As I sat down to analyse it one day, after another episode where I seemed to have ‘lost’ half a week, I realised everything had gotten worse since I’d started a new job. The gaps in time seemed to have begun then, and my memory problems had worsened. All the things in my life that had always been confusing but manageable had begun to escalate around the time I’d switched from the courier job to an admin position. Of course, when I say I switched jobs, I had no recollection of doing it and – like with so many other new jobs I’d found myself in – it had actually taken me a while to realise what was going on. That, at least, was normal for me …

I’m in an office. I’ve been here before. I’ve delivered and dropped things off here. But I’m not wearing my uniform. And I’m sitting behind a desk. There’s a pad, a computer and a small calendar that says it’s five years since I started my driving job. Where does the time go?

‘How are you settling in, then?’

Good, a familiar face.
The other shoe started to drop.
This
guy’s been at me to apply for a transfer to a desk job for ages.
Had I actually done it? Had they actually given me the gig without any interview or forms to be filled out? Surely I would have remembered.

I smiled. That always seemed to help when I was buying time, trying to figure out what was going on.

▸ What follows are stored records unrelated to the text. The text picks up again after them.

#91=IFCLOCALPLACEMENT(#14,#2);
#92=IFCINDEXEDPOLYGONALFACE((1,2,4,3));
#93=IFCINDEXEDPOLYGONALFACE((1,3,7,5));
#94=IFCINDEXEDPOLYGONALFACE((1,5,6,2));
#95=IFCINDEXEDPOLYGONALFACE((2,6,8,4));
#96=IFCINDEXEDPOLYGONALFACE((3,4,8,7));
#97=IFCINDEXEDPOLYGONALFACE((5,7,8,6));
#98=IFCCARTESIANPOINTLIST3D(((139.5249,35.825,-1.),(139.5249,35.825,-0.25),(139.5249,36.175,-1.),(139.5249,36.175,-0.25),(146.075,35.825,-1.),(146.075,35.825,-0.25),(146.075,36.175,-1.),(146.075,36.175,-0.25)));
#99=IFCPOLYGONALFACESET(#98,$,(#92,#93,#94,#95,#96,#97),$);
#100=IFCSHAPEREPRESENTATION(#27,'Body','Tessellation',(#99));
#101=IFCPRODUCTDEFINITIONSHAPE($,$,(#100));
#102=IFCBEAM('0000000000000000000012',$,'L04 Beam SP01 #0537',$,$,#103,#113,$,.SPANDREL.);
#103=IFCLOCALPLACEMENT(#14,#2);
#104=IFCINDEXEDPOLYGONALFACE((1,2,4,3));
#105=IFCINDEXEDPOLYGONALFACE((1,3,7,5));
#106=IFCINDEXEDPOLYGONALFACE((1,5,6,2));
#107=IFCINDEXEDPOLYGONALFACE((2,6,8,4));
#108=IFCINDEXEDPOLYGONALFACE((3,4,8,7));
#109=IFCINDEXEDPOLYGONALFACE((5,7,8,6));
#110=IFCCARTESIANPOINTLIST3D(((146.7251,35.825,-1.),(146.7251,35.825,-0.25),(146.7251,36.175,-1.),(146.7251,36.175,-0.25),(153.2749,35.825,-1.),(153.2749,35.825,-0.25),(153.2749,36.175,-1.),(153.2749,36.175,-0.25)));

‘Glad to be out of that stupid truck, I bet,’ he continued. As he spoke he came over and perched on the corner of my desk. ‘Remember, anything you want, anything at all, you come to me. Okay?’

‘Thanks.’

I wonder if he winks at everyone.

A girl on the desk across the room came over. I’d met her before. She was the one I usually picked up from. What was her name?

Carol!

‘He thinks he’s God’s gift,’ Carol said. ‘Lord knows why when you look at him.’ I smiled again as I searched her face for more clues. Carol gestured again at the man. He wasn’t what anyone would call a looker. ‘He’s married, not that you’d know it.’

We chatted for a while. Then I just had to ask: ‘Carol, remind me again what I should be doing.’

Was it my imagination or did she look at me a second longer than was comfortable? Had she already told me this? By the look of it, she certainly thought she had, and recently too. Then she relaxed and went through a few things. It wasn’t hard, mostly paperwork and filing. But I could tell what she was thinking.

Bloody Green Card employees. More trouble than they’re worth.

*

There’s more to sussing out a job than just getting on top of your office duties. Somehow you have to learn your hours and, more importantly, learn how the hell to find your way back there the next day without annoying too many people. Not for the first time I felt like I was trying to board a spinning carousel.

It didn’t help that work wasn’t the only thing that kept me on my toes. Trips to the Maudsley remained a regular occurrence in my life – although I never seemed to remember travelling there. Luckily I only seemed to go for outpatient appointments but even so it was still such a pointless exercise. There are only so many times you can hear a doctor talk about your so-called weight problem before you start to drift off. Listening to them go on and on about this or that eating disorder – when they only had to look at me to see I was perfectly fine – made me actually wish I could have a blackout for once. Unfortunately it doesn’t work like that. I didn’t know how it worked but it never seemed to do me any favours.